For listings where BAG ID resolution fails, we normalize the address using Dutch-specific rules and then compare using edit distance.

python
import re
import unicodedata
from Levenshtein import distance

ABBREVIATIONS = {
    r"\bstr\.?\b": "straat",
    r"\bln\.?\b": "laan",
    r"\bpl\.?\b": "plein",
    r"\bgr\.?\b": "gracht",
    r"\bwg\.?\b": "weg",
}

def normalize_dutch_address(raw: str) -> str:
    """Normalize a Dutch address for comparison."""
    addr = raw.lower().strip()
    # Expand common abbreviations
    for pattern, replacement in ABBREVIATIONS.items():
        addr = re.sub(pattern, replacement, addr)
    # Separate house number additions
    addr = re.sub(r"(\d+)\s*-\s*([a-z])", r"\1 \2", addr)
    # Normalize Roman numerals in additions
    addr = re.sub(r"\biii\b", "3", addr)
    addr = re.sub(r"\bii\b", "2", addr)
    addr = re.sub(r"\bi\b", "1", addr)
    # Normalize hoog/boven/etage additions
    addr = re.sub(r"\bhoog\b", "h", addr)
    addr = re.sub(r"\bboven\b", "h", addr)
    # Strip diacritics
    addr = unicodedata.normalize("NFKD", addr)
    addr = addr.encode("ascii", "ignore").decode("ascii")
    return re.sub(r"\s+", " ", addr).strip()

def addresses_match(a: str, b: str, threshold: int = 2) -> bool:
    """Check if two addresses refer to the same location."""
    return distance(
        normalize_dutch_address(a),
        normalize_dutch_address(b)
    ) <= threshold

The normalization handles the most common Dutch address variations: abbreviations (str. to straat, ln. to laan), house number addition separators (100-A vs 100 A), Roman numerals (III to 3), and descriptive floor indicators (3-hoog, boven). After normalization, we apply Levenshtein distance with a threshold of 2 edits.

Signal 3: feature fingerprinting

When address matching is ambiguous, particularly in multi-unit buildings where listings sometimes omit the specific unit number, we use a feature fingerprint: the combination of surface area (within a 3 m² tolerance), price bucket, and room count. In dense Dutch housing markets, this tuple is nearly unique per listing within a building.

For example, if two listings both say 'Prinsengracht 200, Amsterdam' without a unit number, but one is 65 m², 3 rooms, €1,850/month and the other is 42 m², 2 rooms, €1,450/month, they are clearly different apartments in the same building. If the features match within tolerance, they are almost certainly the same listing from different sources.

Hard cases

Several patterns remain genuinely difficult. VvE (Vereniging van Eigenaars) addresses sometimes use the building address rather than the individual unit address. Newly built properties may not yet appear in BAG. Temporary listings that appear briefly on one source and then get relisted with different details on another can evade time-windowed matching.

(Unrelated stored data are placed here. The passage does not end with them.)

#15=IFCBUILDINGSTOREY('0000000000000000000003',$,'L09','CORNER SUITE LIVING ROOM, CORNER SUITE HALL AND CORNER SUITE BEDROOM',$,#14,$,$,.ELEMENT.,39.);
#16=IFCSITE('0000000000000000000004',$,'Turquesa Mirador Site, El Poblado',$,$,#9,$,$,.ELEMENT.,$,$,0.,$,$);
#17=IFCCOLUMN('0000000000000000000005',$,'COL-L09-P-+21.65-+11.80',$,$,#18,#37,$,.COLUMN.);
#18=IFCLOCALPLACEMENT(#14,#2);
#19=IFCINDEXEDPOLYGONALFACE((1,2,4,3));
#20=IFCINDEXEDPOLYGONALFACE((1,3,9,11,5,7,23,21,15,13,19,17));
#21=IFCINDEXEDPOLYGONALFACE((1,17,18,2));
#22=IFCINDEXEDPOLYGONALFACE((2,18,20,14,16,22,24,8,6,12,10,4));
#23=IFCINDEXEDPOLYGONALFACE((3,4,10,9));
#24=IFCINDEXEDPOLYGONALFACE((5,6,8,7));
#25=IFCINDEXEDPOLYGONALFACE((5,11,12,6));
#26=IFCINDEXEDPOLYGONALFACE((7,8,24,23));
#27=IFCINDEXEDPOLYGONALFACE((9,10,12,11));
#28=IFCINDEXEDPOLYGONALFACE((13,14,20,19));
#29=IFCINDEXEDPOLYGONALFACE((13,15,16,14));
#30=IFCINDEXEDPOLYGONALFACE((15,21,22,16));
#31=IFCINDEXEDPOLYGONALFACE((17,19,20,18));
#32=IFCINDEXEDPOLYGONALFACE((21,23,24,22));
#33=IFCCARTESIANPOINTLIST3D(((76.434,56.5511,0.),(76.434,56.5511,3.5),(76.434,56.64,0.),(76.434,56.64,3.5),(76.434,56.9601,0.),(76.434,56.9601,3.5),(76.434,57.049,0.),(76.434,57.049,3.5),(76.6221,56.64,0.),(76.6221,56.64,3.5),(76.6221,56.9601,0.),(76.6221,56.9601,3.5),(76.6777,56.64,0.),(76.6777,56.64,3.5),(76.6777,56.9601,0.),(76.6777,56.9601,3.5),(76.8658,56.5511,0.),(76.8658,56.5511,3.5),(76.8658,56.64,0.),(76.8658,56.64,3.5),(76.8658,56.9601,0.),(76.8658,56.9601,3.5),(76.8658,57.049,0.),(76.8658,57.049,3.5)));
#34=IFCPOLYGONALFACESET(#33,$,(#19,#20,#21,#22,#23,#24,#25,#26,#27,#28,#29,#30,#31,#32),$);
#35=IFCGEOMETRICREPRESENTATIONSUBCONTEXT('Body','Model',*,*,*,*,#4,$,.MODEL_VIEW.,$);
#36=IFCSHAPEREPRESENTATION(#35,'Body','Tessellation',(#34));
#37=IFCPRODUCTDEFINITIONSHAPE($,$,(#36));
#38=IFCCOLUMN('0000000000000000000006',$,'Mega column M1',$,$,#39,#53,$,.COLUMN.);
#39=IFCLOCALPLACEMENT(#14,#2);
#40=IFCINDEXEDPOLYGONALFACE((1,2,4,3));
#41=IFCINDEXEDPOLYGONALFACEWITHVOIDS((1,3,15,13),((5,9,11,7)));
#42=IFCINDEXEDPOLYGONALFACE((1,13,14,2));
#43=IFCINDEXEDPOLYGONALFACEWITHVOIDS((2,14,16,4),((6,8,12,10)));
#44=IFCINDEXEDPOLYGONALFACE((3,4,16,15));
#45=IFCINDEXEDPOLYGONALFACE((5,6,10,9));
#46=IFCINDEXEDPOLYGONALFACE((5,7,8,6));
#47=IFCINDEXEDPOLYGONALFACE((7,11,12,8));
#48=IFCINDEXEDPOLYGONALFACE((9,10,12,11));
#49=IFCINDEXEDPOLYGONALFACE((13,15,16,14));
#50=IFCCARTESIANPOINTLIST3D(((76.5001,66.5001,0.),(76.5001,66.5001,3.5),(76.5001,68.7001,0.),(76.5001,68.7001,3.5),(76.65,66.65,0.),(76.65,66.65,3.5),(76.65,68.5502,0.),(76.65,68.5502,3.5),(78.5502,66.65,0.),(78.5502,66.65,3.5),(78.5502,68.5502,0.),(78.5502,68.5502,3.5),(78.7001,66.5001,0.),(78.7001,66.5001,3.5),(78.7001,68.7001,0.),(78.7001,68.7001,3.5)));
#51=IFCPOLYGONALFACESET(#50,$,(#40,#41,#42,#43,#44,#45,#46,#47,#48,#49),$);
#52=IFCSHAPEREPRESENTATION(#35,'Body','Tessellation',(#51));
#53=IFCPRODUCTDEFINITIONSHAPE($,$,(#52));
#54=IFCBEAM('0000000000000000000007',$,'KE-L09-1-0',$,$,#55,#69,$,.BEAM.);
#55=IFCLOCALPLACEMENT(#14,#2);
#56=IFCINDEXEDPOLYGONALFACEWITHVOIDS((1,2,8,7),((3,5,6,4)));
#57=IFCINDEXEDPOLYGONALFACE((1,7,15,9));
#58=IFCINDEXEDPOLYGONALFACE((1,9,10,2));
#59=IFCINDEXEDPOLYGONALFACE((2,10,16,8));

Multi-unit new construction is particularly tricky. A developer might list '12 apartments at Nieuwbouwproject De Werf' on one portal, while individual units appear on broker sites with provisional addresses. Until BAG registration catches up, these require manual review.

Info

Our policy: when confidence is below 0.70, we treat listings as distinct. We would rather show a mild duplicate than incorrectly merge two separate properties.

Measuring accuracy

We maintain a hand-labelled ground-truth dataset of 12,000 listing pairs (6,000 confirmed duplicates and 6,000 confirmed distinct properties), assembled over six months of manual review. Against this dataset, our pipeline achieves 99.1% precision and 98.8% recall. We continuously expand this dataset as we encounter new edge cases.